Franceinfo : Comment est-on parvenu à un accord après dix mois de négociations ?

Elvire Fabry : La négociation qui a été engagée concerne beaucoup plus d'enjeux que le simple fait d'éviter un retour de tarifs douaniers et de quotas. C'est une prouesse d'avoir réussi à négocier cet accord en aussi peu de temps, alors que les accords commerciaux, en règle générale, peuvent prendre plusieurs années. Il va falloir attendre de voir concrètement ce qu'il y a dans cet accord, puisqu'il est long de presque 2 000 pages.

Il semble qu'un certain nombre de chapitres aient avancé au cours de ces derniers jours – suffisamment pour constituer une base solide pour les négociations. Les contentieux les plus importants ont été gardés pour la fin, notamment ceux qui concernaient les conditions d'une concurrence équitable, la mise en place d'un mécanisme de règlement des différends et la question de la pêche.

Les négociateurs sont apparus très heureux à l'issue de ces négociations. Qu'en est-il vraiment ? Existe-t-il un gagnant et un perdant avec cet accord ?

Comme les deux parties étaient perdantes, à travers cet accord, les deux parties sont désormais gagnantes. En cas de "no deal", on partait sur des frictions et un manque de visibilité maximum sur tous les dossiers. On précipitait tous les acteurs économiques et tous les citoyens qui ont un lien avec le Royaume-Uni dans l'inconnu total. Dans un premier temps, cet accord donne un cadre pour une coopération future, ce qui est très important, et permet d'éviter le scénario noir du "no deal".

On s'est occupé du plus urgent. On a beaucoup parlé du fait d’éviter le retour des tarifs et des quotas, etc. Mais il y avait beaucoup de questions en suspens comme celle du transfert de données. Ont-ils réussi à faire quelque chose en matière de services ? De lutte contre le terrorisme ? En tout cas, cet accord va créer un esprit de coopération plus fort que si nous étions restés sur un scénario de "no deal", qui aurait détérioré encore plus le peu qu'il restait de confiance mutuelle.

Quelles sont les prochaines étapes dans les jours à venir ?

D'abord, les 27 Etats membres doivent voter l'accord, mais il n'y aura pas de réunion exceptionnelle des chefs d'Etats et de gouvernement dans les quatre jours à venir, donc cela se fera par courrier juridique. Cette validation de l'accord par le Conseil doit être obtenue avant le 31 décembre.

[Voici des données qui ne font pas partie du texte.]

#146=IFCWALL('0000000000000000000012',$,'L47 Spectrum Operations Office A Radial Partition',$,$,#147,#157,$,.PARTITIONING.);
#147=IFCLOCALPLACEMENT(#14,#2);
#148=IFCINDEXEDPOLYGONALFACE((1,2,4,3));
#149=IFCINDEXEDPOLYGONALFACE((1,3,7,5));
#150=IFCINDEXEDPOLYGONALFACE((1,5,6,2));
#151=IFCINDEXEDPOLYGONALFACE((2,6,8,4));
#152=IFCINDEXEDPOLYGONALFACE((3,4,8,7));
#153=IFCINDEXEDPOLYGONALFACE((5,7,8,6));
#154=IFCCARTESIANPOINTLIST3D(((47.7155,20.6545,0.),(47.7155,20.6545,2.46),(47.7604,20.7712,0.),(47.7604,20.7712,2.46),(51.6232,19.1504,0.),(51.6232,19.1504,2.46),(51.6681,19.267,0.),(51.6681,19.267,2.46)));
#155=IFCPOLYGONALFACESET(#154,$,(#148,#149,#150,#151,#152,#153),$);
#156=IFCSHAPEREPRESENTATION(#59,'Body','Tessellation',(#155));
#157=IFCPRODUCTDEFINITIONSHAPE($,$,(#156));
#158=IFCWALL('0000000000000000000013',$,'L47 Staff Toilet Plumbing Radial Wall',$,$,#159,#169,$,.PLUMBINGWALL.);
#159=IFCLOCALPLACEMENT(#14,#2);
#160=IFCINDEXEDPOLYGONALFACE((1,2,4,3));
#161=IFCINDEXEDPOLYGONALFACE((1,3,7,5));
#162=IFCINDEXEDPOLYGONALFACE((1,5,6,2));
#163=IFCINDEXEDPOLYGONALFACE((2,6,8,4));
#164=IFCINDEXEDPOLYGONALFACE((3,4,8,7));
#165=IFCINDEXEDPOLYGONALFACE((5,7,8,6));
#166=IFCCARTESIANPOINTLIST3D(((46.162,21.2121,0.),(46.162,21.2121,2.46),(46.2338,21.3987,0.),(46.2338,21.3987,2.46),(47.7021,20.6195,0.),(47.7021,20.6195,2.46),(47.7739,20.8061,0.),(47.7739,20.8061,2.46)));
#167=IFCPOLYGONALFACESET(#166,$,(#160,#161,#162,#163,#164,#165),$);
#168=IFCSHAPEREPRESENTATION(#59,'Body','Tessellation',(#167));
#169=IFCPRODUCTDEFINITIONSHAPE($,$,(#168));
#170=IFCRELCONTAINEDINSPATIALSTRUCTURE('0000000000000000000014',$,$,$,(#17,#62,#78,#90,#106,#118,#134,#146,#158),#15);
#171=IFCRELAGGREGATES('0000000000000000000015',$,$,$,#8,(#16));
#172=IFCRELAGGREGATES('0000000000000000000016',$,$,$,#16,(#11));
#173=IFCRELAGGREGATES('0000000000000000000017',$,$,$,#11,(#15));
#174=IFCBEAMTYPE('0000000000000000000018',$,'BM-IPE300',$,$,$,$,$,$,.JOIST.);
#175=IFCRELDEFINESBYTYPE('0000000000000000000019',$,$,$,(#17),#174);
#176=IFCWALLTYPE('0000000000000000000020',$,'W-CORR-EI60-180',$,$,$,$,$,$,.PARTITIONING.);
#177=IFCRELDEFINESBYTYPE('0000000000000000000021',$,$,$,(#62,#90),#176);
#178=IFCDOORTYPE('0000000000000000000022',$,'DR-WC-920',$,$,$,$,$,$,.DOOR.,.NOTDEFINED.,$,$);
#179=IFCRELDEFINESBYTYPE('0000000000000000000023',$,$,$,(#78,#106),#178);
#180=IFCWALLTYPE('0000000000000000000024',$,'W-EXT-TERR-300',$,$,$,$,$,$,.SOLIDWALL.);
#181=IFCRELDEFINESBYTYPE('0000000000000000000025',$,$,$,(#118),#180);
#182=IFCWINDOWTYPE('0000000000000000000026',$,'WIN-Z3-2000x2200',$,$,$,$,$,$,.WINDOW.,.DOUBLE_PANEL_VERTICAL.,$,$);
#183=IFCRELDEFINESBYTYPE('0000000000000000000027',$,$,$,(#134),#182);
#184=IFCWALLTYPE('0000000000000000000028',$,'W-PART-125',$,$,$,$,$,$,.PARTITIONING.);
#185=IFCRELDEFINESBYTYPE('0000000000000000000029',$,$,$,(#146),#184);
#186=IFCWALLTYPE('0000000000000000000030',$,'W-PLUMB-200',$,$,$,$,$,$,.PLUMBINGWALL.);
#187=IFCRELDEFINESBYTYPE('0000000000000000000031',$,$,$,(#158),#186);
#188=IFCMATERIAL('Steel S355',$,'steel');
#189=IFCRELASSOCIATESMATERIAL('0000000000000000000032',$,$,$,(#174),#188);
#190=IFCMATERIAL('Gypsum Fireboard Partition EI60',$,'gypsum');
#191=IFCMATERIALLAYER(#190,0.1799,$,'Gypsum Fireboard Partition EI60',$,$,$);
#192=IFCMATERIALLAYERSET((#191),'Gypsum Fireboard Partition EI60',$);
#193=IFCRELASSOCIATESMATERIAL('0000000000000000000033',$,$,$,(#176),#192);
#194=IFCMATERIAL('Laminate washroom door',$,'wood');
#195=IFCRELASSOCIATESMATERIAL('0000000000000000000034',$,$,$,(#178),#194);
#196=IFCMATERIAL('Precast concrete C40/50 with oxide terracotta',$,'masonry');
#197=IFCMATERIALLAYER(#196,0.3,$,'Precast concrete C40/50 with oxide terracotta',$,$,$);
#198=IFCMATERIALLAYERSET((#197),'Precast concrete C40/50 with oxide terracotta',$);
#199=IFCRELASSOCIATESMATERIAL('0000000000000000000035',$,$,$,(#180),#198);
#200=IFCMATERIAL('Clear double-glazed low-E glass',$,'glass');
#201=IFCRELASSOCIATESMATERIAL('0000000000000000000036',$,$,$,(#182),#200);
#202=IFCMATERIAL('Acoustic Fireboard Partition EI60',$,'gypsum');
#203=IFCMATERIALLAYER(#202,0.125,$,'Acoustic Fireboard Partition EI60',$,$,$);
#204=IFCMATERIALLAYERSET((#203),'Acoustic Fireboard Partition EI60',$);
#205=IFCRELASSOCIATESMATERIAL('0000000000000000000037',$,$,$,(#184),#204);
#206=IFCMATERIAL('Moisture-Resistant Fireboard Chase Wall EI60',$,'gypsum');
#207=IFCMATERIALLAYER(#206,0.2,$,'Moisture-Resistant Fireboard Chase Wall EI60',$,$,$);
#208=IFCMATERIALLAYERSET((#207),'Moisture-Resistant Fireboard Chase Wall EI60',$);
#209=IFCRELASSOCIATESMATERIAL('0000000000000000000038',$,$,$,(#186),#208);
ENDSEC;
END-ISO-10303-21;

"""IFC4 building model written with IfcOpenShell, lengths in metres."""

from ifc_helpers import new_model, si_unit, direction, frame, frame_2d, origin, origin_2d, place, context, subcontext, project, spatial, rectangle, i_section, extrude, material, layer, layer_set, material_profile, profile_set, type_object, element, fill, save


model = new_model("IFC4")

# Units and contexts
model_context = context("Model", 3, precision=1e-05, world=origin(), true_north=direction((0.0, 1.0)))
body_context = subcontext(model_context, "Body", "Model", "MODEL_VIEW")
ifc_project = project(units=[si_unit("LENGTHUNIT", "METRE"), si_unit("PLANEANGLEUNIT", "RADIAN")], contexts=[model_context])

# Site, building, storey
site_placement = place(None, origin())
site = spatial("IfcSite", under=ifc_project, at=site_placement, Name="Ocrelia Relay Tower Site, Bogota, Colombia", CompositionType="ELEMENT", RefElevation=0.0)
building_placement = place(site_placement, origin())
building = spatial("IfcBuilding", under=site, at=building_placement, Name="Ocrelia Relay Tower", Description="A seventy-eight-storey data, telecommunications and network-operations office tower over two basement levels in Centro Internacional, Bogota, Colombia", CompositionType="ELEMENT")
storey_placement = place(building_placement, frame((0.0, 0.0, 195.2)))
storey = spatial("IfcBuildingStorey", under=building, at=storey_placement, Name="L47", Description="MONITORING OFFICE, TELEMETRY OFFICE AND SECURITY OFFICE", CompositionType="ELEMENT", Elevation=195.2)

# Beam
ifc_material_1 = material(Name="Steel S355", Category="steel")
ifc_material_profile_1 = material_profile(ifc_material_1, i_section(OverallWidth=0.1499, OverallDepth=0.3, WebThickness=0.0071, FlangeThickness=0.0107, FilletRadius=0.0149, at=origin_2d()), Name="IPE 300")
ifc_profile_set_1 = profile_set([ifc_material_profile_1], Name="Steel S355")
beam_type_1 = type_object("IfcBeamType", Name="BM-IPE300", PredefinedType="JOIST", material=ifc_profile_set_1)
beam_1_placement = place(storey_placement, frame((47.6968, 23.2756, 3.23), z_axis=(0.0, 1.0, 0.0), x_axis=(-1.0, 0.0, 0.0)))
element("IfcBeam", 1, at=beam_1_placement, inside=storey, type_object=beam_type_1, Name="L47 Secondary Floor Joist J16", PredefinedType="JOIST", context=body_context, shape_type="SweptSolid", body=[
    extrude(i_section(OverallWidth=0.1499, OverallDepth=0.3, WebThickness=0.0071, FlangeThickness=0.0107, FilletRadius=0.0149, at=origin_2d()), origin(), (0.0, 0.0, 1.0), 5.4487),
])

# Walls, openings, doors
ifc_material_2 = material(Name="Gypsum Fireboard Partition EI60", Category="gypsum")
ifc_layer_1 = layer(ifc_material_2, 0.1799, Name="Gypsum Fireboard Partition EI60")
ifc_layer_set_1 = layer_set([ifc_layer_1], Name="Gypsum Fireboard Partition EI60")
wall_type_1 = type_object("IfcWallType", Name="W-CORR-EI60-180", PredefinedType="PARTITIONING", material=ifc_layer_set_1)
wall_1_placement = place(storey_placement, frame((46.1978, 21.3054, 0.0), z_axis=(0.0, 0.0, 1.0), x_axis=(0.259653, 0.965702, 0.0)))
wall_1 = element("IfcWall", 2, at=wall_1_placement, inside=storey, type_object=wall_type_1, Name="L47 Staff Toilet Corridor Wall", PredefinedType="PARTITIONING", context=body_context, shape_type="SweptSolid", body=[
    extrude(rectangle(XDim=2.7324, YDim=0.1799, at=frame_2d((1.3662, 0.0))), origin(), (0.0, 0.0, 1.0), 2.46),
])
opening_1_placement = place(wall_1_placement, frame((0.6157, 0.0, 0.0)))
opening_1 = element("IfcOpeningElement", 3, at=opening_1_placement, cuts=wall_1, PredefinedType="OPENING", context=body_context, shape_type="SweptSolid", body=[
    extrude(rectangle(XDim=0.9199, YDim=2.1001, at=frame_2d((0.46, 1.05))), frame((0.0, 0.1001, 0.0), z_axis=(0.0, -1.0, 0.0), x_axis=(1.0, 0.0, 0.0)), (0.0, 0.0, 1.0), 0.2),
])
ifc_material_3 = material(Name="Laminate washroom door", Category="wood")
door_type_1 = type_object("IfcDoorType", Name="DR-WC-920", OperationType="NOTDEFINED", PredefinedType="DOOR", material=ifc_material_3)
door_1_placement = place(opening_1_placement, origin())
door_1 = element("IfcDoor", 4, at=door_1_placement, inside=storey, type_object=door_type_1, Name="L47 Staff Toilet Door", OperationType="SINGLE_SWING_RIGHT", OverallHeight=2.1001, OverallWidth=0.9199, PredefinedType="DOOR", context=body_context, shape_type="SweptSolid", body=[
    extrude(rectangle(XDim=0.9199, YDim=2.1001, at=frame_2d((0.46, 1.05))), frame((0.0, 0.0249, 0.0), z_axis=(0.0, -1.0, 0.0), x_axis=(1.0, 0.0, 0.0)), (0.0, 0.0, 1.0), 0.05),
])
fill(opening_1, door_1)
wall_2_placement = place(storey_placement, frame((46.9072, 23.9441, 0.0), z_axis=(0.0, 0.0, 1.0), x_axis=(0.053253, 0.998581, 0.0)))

Mais le toilettage juridique d’un accord est un processus qui prend beaucoup de temps normalement. Il existe donc une zone grise sur le texte qui sera validé par les 27.

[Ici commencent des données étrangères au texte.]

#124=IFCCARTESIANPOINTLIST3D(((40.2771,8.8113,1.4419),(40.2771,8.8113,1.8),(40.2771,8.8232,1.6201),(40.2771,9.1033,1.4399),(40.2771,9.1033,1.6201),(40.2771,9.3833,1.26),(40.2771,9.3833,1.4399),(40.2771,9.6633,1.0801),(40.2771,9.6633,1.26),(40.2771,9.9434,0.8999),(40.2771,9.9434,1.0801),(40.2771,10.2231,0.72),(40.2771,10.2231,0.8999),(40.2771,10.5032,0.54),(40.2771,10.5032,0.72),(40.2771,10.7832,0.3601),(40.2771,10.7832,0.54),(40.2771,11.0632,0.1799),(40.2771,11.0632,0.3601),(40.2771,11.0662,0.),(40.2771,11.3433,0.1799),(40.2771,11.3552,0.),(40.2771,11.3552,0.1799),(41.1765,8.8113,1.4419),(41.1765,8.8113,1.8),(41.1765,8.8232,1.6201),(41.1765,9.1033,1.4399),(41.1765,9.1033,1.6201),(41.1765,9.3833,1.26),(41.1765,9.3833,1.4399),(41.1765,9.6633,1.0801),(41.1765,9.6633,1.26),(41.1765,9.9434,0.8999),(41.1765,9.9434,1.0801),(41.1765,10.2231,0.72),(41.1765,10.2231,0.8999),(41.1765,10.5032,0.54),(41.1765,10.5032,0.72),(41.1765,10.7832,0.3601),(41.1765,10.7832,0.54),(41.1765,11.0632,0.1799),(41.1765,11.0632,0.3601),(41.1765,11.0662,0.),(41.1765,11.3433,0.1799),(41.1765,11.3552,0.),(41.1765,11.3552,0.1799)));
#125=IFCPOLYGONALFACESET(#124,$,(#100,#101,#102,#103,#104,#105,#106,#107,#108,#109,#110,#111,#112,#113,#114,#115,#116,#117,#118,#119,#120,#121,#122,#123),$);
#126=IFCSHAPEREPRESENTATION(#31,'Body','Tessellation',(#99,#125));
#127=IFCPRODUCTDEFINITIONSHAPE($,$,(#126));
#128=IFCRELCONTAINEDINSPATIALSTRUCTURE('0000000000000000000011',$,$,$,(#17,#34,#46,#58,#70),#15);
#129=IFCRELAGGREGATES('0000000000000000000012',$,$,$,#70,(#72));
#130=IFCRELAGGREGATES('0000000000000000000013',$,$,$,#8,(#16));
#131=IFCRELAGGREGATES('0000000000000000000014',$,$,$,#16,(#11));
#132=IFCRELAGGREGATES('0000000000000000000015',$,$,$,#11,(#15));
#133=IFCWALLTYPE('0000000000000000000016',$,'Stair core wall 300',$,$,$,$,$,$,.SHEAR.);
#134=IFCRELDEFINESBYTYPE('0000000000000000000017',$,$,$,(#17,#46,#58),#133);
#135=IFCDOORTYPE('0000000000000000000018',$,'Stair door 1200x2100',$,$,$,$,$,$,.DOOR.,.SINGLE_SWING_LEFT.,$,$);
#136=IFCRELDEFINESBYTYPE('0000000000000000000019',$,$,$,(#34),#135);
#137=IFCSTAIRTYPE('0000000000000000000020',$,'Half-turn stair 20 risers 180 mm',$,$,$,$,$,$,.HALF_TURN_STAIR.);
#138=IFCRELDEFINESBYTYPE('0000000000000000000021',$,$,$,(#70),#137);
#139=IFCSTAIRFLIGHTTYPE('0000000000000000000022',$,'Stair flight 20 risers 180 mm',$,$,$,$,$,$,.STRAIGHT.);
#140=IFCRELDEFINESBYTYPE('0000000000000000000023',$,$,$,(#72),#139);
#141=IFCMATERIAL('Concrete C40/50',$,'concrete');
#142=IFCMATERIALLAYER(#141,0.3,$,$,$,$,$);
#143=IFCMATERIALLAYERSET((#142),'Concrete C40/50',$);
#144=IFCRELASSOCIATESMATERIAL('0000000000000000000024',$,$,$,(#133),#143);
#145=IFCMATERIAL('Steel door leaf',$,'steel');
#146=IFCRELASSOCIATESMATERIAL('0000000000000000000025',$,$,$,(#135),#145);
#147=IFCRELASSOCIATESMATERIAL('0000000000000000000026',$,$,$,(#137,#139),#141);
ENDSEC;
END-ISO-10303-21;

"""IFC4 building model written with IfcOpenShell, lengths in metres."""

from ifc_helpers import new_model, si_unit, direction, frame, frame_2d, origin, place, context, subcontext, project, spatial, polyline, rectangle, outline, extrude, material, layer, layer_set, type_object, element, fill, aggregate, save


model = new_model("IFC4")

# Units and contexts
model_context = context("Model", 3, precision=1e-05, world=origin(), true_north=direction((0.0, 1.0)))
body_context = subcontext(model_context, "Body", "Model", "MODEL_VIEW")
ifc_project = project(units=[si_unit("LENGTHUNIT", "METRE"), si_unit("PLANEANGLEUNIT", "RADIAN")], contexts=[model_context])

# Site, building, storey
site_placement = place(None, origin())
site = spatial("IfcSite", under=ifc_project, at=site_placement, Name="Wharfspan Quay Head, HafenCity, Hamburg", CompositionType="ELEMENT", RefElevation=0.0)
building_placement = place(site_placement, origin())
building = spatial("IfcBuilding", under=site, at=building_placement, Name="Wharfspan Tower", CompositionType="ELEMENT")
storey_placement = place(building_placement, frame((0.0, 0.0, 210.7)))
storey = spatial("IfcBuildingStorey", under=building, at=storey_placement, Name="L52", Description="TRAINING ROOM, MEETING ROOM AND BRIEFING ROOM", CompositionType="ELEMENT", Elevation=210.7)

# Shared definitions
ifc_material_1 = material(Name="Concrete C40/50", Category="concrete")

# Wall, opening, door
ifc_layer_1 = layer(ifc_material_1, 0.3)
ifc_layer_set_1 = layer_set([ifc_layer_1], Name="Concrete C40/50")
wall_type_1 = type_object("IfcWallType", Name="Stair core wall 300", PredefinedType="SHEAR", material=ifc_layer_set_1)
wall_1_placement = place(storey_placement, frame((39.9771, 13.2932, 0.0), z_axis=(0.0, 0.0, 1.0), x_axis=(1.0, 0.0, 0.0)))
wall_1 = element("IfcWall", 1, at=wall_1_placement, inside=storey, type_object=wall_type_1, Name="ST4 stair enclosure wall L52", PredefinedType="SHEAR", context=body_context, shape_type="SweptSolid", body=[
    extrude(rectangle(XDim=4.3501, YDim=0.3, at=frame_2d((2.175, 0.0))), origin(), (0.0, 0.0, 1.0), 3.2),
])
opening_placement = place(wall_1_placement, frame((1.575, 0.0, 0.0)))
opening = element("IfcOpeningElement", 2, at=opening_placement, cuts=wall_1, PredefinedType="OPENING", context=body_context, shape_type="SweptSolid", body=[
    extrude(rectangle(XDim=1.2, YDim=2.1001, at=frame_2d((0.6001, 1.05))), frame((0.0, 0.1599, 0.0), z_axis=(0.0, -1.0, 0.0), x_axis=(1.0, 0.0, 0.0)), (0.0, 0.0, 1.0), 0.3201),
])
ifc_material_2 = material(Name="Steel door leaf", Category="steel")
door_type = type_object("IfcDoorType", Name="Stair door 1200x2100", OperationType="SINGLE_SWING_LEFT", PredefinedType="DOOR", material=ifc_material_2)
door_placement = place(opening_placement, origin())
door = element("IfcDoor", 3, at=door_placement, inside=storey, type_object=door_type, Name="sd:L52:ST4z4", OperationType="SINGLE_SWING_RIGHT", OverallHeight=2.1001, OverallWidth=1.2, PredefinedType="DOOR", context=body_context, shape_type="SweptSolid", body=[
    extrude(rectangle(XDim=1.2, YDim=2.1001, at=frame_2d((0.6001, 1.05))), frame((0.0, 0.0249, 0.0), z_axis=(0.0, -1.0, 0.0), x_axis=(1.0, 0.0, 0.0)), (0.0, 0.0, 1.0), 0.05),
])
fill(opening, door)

La question se pose également du côté britannique, puisque Boris Johnson avait retiré la compétence de discussion des négociations à ses parlementaires. Pourtant, ces derniers doivent quand même valider le texte. Alors, quelle visibilité auront-ils ? Le texte est très long et, encore une fois, la relecture juridique ne sera pas achevée…

Côté britannique, il faut donc que la Chambre des communes et la Chambre des Lords votent ce texte, puis que la Reine le valide. Si c'est le cas, le texte entrera en application provisoire à partir du 1er janvier 2021. Ensuite, ce sera au tour des parlementaires européens de l'approuver, début 2021.